Wednesday, December 5, 2012

Review: The Children of the Stones (1977)

The Children of the Stones (1977) directed by Peter Graham Scott

The Children of the Stones is a British children's miniseries (seven half-hour episodes) not produced by the BBC, but by one of the forerunners of ITV. Made in the late 1970s, it features the sort of clothes and hairdos you'd expect from the time. The story itself has a bit of timelessness about it and the show makes for entertaining watching even now, 35 years later.

An astrophysicist, Adam Brake, comes to the town of Milbury to fulfill a grant studying magnetic fields at the local neolithic monuments. The town has a stone circle that dates back to at least 3000 BC. The circle is enormous--it encloses the whole town.

He's a widower and has brought his only son Matthew, who is prone to psychic visions of the past, present, and future They drive into town with some typical father-son banter. All of the sudden, there's an old women in the road. They break quickly and discover that she is the caretaker of their bed and breakfast. The local lord told her they were arriving and she had come out to greet them. At least that's her explanation. The lord comes to visit and seems a little odd. The local people also are rather quaint, always greeting one another with "Happy day!" Small town friendliness comes off a bit creepy and it's not just unfamiliarity with local customs.

Another recent arrival is Margaret, a widow with a daughter about Matthew's age. They've been here for a while and feel a little isolated since they are not part of the "Happy Day" crew. She's curator of the local museum and knows a bit of folklore about the stones, including that they are the center of 53 different lay lines (which are lines between various neolithic sites that are claimed to have psychic energy running along them). There are 53 stones still standing in the circle. And now 53 citizens of Milbury since Adam and Matthew have arrived. Cue the creepy music.

The music is one of the distinctive features of the show. The score is dominated by spooky chanting that uses groans, moans, shrieks, and a wordless soprano line to enhance the atmosphere. It seems a little heavy-handed at times but is effective. It also mirrors the prehistoric mysteriousness of what's going on.

The visuals are uneven. The production is from the 1970s--the interiors are videotaped on sound stages and the exteriors are filmed in the town of Avebury (which has a real, ancient, and enormous stone circle around it). The difference is noticeable but I found I was able to tune it out. The special effects are few and far between--some work well, others are a bit low tech.

On the other hand, the performances are uniformly good. Given the science fiction and horror elements, a few performances and reactions are stylized but it fits the story. Even though it was made as a children's show, the actors take it seriously.

Like the best of children's entertainment, the show is also entertaining for adults as well. The story is well told, intelligent, and challenging. The science is accurate enough without being difficult to follow. The mystery of the town is slowly if not completely revealed, making it intriguing watching the first time.

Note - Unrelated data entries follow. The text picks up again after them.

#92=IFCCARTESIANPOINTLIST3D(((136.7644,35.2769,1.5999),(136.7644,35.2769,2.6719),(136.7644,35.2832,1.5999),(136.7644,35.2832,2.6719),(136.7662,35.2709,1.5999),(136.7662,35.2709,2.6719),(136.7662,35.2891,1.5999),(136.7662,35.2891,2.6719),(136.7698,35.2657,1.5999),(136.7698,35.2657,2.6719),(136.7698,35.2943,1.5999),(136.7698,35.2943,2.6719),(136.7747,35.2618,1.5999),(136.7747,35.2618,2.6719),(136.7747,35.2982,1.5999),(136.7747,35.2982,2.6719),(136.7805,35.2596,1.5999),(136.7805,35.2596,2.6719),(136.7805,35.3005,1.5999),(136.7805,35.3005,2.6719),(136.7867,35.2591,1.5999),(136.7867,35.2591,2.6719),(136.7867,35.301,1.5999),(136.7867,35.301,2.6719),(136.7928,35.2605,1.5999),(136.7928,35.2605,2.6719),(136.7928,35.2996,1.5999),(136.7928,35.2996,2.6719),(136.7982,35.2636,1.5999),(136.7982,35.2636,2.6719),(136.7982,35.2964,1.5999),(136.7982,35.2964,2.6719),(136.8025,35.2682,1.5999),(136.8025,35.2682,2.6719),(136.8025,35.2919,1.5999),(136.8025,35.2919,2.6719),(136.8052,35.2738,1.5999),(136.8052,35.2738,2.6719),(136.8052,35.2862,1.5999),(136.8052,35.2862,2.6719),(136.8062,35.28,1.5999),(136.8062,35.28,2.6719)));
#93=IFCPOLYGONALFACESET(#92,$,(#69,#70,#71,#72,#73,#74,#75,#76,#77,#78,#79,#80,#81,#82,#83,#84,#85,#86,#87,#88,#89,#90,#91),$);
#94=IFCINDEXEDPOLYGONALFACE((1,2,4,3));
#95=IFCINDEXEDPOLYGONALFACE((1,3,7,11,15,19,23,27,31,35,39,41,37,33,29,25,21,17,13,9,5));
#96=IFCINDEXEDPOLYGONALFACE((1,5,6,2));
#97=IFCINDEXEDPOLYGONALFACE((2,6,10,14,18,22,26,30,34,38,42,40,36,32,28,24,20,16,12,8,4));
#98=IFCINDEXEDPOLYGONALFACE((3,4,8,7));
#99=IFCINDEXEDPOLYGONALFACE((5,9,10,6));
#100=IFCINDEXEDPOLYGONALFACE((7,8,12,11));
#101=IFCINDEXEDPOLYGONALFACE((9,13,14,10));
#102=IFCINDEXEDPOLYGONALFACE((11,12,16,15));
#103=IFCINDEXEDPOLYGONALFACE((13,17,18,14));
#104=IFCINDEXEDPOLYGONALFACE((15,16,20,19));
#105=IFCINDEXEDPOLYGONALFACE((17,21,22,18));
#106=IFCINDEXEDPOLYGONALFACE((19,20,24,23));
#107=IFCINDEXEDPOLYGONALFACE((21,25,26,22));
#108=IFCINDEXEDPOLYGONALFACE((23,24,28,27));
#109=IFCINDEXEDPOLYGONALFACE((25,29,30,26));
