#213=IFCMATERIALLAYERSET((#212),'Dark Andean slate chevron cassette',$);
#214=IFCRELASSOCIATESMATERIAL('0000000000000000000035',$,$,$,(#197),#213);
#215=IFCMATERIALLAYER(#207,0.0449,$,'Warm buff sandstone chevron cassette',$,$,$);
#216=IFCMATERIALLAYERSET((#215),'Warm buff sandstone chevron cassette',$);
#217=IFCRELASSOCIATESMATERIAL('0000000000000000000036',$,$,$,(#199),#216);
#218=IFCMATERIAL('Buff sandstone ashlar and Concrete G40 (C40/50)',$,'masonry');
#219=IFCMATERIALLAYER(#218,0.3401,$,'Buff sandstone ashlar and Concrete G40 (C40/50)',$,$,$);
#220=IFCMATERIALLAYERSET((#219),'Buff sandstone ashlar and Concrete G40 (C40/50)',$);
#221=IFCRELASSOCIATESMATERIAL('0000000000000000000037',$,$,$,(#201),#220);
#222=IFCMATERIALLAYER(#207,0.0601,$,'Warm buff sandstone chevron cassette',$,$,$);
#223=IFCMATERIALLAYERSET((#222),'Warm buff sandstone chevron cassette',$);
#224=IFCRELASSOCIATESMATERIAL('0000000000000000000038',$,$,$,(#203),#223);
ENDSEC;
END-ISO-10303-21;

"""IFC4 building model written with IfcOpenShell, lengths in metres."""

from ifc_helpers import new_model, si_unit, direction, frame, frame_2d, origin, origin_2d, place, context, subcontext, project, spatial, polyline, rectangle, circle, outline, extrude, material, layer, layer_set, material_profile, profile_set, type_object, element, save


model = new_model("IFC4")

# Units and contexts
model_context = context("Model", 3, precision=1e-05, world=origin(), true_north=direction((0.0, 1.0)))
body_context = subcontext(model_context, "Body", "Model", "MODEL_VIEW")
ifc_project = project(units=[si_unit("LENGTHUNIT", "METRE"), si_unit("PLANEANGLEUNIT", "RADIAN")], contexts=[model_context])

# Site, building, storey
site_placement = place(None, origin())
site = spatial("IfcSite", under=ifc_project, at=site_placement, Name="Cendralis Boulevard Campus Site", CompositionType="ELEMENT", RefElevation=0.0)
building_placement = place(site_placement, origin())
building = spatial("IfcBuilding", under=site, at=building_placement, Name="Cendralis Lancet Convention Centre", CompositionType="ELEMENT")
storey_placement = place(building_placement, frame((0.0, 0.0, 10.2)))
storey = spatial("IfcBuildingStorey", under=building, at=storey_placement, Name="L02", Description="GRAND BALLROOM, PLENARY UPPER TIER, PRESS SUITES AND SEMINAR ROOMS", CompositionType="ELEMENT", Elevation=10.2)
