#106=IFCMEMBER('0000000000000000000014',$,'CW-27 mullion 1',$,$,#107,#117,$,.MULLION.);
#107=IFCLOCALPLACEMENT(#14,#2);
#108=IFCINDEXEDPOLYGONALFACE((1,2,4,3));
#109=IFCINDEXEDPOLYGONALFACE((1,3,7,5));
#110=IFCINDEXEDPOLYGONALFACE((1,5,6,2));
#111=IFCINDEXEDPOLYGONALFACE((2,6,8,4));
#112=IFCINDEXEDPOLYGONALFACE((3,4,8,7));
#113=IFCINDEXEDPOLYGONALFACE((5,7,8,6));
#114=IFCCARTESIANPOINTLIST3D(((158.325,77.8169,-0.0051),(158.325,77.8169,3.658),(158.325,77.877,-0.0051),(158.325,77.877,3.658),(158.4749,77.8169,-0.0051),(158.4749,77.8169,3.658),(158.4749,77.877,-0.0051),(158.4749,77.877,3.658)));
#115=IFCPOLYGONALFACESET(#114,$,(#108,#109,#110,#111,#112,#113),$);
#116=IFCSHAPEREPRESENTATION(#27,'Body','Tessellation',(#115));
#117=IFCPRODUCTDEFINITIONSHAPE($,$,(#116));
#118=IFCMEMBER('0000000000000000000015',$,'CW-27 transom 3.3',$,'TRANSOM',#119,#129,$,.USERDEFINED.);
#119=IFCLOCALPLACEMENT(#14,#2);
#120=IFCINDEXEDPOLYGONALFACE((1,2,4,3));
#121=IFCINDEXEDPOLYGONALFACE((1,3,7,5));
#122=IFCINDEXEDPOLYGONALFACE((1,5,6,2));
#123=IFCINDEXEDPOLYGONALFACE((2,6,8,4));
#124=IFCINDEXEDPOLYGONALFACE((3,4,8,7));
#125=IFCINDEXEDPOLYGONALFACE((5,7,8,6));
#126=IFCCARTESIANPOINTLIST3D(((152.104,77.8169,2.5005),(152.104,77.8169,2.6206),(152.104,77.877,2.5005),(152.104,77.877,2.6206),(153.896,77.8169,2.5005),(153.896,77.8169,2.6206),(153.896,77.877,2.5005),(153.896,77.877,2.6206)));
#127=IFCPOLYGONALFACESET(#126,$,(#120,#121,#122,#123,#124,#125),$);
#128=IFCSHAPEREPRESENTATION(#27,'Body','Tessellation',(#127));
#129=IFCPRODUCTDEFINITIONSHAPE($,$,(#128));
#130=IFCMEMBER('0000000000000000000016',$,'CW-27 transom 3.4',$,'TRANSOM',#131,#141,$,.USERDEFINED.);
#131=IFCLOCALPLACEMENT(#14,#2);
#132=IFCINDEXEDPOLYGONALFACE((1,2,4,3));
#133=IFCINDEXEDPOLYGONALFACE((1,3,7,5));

The ending is a bit ambiguous but of the sort that makes for interesting discussions (rather than frustrating bewilderment). And when I watched it a second time, I noticed a lot more of the details foreshadowing what would happen. It's much like watching The Sixth Sense a second time. Children of the Stones isn't as good as The Sixth Sense, but it does fall in a similar genre and would be enjoyed by the same fans.